遺産整理の基本的な流れ【7つのステップ】
遺産整理は、一般的に以下の7つのステップで進められます。全体像を把握しておくことで、今どの段階にいるのかが分かり、安心して手続きを進めることができます。

- 遺言書の有無を調査
まずは故人が遺言書を遺していないかを確認します。公正証書遺言なら公証役場に、自筆証書遺言なら自宅の金庫や法務局の保管制度を利用している可能性があります。 - 遺言書の検認(必要な場合)
法務局の保管制度を利用していない自筆証書遺言が見つかった場合、家庭裁判所で「検認」という手続きが必要です。 - 相続人の調査・確定
遺言書がない場合、誰が相続人になるのかを確定させるため、故人の出生から死亡までの連続した戸籍謄本等を取り寄せます。 - 相続財産の調査・確定
故人がどのような財産(プラスの財産・マイナスの財産)を遺したのかを調査し、一覧表である「財産目録」を作成します。 - 遺産分割協議と協議書の作成
相続人全員で、誰がどの財産を相続するのかを話し合います。合意した内容は「遺産分割協議書」という書面にまとめ、全員が署名・押印します(法務局や銀行など殆どの提出先で実印の押印と印鑑証明書が求められます)。 - 各種名義変更・払い戻し手続き
遺産分割協議書に基づき、不動産の名義変更(相続登記)や、銀行預金の解約・払い戻し、株式の名義変更などを行います。 - 相続税の申告・納税
相続財産の総額が基礎控除額を超える場合、相続開始を知った日の翌日から10ヶ月以内に相続税の申告と納税が必要です。

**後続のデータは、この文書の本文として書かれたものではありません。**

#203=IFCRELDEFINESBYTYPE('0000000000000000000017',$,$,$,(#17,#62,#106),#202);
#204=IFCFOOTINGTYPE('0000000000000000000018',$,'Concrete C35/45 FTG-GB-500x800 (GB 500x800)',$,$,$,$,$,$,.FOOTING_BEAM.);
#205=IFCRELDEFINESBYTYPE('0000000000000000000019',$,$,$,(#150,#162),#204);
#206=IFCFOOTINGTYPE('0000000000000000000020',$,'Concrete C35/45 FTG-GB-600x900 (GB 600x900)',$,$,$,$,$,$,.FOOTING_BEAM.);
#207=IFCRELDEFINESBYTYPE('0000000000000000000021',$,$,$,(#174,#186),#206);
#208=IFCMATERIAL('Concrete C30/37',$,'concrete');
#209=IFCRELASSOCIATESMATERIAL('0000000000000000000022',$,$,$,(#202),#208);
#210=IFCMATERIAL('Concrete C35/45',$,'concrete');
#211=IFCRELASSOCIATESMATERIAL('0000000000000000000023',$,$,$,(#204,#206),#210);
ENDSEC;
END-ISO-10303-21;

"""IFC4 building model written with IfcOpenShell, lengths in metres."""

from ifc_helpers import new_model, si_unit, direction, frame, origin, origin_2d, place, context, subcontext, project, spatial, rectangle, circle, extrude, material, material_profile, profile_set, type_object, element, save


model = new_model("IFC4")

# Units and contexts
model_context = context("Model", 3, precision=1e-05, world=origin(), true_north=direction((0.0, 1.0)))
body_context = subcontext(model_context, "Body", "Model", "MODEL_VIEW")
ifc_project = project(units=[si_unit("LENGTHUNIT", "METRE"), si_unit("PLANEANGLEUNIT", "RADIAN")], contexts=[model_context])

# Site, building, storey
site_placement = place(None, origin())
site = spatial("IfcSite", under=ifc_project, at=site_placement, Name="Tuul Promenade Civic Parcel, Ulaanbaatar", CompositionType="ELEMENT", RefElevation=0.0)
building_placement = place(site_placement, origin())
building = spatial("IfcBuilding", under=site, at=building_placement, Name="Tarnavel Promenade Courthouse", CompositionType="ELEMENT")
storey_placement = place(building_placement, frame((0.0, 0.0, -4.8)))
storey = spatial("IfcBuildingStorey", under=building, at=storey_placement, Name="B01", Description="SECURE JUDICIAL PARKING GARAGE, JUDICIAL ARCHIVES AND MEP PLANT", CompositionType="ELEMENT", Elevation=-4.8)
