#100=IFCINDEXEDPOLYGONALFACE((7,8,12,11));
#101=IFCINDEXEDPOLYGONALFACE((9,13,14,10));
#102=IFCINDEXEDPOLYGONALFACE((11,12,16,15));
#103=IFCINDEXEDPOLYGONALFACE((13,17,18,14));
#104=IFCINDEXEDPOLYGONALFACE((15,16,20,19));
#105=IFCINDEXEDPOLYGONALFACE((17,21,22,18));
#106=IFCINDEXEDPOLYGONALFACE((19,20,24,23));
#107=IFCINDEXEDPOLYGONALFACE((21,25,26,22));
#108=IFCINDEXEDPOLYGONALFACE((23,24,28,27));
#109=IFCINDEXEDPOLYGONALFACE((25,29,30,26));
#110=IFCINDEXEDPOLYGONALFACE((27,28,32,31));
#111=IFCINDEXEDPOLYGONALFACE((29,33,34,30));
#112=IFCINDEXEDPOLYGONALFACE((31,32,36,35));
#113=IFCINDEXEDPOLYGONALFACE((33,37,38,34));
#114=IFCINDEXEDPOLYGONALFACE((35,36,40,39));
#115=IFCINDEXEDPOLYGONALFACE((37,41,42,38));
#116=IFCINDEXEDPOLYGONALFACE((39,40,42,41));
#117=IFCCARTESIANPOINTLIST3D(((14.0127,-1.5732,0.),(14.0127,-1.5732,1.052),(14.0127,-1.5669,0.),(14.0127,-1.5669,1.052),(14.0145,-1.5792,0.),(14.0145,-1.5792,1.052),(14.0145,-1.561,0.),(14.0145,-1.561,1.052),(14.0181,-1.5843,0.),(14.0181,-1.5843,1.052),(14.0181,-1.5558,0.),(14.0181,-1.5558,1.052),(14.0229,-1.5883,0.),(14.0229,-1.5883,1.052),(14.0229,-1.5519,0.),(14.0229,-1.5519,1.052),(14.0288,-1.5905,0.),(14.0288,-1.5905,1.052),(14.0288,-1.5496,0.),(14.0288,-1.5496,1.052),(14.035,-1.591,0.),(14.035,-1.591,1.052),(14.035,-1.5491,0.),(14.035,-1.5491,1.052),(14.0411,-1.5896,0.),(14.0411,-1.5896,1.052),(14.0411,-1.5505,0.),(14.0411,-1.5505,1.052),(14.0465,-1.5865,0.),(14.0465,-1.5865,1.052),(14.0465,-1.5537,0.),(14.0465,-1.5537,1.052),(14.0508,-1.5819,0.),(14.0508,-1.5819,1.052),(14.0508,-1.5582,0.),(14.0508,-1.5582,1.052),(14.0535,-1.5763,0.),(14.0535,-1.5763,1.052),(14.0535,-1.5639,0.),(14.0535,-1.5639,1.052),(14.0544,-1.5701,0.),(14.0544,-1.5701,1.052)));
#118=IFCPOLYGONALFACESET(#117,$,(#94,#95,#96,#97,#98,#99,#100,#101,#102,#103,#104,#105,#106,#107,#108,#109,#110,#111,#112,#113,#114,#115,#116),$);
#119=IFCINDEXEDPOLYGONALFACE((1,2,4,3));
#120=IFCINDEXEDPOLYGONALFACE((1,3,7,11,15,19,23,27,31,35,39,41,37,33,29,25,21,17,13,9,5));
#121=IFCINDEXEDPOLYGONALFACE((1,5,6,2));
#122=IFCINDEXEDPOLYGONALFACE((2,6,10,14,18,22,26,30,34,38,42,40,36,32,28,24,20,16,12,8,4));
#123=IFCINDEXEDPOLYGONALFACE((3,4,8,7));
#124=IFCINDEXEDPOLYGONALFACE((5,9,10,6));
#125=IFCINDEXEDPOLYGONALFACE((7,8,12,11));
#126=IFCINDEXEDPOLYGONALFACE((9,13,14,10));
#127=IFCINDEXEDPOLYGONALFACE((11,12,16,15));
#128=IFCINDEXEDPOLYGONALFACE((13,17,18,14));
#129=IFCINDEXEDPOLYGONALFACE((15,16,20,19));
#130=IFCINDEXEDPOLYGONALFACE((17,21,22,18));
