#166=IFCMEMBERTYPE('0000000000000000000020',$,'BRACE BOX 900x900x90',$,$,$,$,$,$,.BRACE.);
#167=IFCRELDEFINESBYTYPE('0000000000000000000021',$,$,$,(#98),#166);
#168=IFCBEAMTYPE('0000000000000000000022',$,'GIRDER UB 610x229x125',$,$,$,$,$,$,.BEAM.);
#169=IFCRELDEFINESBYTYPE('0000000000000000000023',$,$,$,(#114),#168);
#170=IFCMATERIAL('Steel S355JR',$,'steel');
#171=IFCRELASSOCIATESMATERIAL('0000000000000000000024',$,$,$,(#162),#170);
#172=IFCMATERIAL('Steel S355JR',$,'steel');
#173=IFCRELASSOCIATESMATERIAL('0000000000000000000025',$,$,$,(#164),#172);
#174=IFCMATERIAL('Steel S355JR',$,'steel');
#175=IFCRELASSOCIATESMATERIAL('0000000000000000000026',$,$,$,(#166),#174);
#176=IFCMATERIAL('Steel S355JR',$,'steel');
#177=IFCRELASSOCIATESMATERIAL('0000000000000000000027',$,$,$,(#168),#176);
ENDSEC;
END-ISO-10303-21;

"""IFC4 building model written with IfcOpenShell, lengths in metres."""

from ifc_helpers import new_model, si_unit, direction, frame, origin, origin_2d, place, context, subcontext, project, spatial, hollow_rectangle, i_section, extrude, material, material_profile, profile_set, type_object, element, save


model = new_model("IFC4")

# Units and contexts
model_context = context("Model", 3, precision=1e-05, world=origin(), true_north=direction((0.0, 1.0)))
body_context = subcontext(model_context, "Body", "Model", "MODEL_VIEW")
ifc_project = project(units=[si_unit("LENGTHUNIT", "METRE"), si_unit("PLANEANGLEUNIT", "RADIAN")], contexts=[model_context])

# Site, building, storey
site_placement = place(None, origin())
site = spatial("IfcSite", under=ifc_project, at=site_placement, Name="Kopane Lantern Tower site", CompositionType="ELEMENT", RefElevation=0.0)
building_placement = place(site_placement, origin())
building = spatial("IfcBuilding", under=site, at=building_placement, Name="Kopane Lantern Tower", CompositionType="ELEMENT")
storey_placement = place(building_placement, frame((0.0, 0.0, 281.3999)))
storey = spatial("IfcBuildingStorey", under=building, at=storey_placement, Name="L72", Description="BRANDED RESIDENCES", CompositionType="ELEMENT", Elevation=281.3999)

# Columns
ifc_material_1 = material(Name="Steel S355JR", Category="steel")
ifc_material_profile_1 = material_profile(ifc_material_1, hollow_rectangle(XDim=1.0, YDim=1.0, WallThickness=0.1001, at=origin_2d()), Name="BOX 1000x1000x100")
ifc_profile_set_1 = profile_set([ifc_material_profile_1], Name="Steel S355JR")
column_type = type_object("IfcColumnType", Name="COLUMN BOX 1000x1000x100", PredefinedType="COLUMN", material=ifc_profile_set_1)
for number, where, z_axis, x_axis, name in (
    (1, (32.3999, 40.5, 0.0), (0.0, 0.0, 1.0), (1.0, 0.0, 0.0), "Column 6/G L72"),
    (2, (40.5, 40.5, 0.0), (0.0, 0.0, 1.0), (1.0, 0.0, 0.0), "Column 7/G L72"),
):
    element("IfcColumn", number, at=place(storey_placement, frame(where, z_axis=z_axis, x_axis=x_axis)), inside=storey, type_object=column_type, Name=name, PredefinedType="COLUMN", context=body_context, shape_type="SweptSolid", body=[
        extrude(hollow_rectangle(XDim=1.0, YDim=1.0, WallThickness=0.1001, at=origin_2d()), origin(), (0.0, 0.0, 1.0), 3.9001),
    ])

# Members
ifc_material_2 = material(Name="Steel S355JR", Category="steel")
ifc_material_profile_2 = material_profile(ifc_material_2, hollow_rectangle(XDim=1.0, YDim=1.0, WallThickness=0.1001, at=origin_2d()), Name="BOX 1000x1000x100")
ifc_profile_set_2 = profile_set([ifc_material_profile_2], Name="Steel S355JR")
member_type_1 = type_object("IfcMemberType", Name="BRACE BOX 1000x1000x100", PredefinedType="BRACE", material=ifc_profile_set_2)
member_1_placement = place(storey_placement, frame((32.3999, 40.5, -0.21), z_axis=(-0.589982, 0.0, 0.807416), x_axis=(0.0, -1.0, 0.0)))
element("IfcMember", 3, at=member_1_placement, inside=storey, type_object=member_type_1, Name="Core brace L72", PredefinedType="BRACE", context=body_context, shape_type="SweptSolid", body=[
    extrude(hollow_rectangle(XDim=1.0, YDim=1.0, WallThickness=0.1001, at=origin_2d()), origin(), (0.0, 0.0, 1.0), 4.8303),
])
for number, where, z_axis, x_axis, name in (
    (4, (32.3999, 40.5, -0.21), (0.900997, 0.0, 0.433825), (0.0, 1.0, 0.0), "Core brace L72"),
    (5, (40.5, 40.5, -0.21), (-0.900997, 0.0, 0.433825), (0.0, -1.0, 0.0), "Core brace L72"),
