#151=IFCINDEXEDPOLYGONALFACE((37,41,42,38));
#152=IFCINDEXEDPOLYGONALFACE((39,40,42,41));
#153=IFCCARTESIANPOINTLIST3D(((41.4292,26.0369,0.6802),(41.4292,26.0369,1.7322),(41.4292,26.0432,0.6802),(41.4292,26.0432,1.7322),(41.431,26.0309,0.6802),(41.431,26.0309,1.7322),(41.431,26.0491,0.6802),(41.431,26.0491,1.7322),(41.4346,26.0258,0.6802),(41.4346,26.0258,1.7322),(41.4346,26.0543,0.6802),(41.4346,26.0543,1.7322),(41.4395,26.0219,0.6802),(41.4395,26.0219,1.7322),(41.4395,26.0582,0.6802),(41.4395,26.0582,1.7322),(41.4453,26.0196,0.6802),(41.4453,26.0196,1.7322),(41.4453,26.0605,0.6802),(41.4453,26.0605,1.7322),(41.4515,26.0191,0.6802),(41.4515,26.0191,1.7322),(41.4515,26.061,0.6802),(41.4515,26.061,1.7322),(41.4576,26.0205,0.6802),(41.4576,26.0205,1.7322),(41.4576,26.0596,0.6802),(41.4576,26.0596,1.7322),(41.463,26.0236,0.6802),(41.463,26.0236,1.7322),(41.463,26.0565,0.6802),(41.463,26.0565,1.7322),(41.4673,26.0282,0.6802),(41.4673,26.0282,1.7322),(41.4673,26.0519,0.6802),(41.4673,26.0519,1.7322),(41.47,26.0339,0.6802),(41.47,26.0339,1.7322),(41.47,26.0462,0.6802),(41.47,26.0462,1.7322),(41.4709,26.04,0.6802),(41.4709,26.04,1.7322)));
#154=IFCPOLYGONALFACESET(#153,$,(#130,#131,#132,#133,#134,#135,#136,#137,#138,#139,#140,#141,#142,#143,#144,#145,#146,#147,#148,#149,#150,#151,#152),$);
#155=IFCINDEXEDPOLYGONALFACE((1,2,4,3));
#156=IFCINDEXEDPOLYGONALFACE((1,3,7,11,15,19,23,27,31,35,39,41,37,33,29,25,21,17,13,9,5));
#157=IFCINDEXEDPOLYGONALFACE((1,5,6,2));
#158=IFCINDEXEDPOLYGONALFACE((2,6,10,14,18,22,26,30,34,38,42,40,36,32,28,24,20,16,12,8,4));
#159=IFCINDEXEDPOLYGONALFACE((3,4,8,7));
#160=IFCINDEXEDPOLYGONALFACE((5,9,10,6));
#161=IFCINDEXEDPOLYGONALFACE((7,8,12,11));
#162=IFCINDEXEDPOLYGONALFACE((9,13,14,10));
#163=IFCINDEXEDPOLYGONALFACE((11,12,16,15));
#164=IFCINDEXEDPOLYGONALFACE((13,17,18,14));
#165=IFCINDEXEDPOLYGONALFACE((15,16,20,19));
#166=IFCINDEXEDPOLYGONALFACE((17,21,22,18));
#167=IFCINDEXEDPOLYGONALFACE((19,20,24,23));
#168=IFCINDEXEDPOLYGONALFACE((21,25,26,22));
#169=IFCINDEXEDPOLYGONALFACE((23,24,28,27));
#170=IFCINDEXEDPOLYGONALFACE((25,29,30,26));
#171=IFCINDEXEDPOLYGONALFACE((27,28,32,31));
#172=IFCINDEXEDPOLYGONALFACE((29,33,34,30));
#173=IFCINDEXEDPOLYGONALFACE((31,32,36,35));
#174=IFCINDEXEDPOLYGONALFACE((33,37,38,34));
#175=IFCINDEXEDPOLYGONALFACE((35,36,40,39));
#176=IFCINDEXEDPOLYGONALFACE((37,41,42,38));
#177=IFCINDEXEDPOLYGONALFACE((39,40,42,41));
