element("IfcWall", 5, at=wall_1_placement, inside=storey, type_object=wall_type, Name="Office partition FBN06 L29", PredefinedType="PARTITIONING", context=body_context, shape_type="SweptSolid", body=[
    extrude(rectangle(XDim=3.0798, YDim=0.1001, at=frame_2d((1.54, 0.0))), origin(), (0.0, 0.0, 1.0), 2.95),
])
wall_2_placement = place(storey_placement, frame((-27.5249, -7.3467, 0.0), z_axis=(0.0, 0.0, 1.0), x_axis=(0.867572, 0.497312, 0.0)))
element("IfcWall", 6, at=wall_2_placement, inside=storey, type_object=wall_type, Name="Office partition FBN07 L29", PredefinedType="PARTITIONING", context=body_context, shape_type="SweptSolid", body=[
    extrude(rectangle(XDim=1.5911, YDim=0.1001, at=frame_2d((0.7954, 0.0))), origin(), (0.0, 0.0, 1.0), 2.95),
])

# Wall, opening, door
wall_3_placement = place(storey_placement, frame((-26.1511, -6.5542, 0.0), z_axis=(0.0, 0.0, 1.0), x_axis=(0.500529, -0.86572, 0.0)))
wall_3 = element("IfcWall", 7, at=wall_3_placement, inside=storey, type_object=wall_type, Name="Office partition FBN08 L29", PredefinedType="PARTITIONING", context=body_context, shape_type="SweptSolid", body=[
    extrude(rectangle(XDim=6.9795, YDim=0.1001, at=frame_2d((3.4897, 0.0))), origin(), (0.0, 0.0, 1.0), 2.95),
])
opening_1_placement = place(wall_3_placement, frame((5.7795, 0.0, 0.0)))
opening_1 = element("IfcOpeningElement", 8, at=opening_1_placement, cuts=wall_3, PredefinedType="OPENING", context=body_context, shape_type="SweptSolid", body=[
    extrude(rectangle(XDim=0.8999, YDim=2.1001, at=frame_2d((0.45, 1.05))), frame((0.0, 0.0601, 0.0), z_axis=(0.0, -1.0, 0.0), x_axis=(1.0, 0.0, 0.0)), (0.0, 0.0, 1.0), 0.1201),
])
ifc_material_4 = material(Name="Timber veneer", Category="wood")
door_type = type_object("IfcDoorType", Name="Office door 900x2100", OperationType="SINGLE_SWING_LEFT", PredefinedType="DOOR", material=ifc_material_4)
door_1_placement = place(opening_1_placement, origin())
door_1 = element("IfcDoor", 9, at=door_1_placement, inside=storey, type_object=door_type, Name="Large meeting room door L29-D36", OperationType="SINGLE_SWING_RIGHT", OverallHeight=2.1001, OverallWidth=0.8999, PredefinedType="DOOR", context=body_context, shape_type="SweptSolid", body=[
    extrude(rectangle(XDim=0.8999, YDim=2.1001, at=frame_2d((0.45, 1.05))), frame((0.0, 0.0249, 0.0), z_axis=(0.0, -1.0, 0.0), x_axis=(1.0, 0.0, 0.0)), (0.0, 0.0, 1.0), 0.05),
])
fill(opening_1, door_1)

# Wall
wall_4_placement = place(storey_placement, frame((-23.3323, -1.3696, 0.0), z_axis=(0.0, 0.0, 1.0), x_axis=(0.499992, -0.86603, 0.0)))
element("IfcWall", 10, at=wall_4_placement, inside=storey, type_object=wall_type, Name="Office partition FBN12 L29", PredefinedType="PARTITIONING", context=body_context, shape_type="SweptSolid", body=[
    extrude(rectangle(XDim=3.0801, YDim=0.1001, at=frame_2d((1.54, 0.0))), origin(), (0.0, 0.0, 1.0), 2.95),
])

これらの手続きには、相続放棄のように厳しい期限が設けられているものもあります(原則として、自己のために相続の開始があったことを知った時から3か月以内)。より具体的な手順については、「相続発生後の手続き(初動5ステップ)」で詳しく解説していますので、併せてご覧ください。
特に専門家への依頼をおすすめするケースとは?
ご自身で手続きを進めることも不可能ではありませんが、特に以下のようなケースでは、専門家である司法書士に遺産整理業務を依頼するメリットが大きいと言えます。
- 仕事などで平日に時間が取れない方
役所や金融機関の窓口は平日の日中しか開いていません。お忙しい方にとって、手続きのたびに仕事を休むのは大きな負担となります。 - 相続人が多い、または遠方に住んでいる方
相続人が多いと、必要書類のやり取りだけでも大変な手間がかかります。相続人の範囲が広かったり、遠方にお住まいの方がいる場合は、専門家が間に入ることでスムーズに進行できます。 - 財産の種類が多い、または複雑な方
預貯金だけでなく、不動産、株式、投資信託、生命保険など財産の種類が多いと、それぞれ手続きの方法が異なり、非常に複雑になります。 - 手続きや書類作成が苦手な方
相続手続きには、専門的な知識が必要な書類や厳格な様式が求められるものが少なくありません。苦手意識のある方が無理に進めると、ミスや漏れの原因になりかねません。 - 相続した不動産の活用方法も相談したい方
相続した不動産をどうすれば良いか分からない場合でも、司法書士なら売却や賃貸など、今後の活用方法についてもアドバイスが可能です。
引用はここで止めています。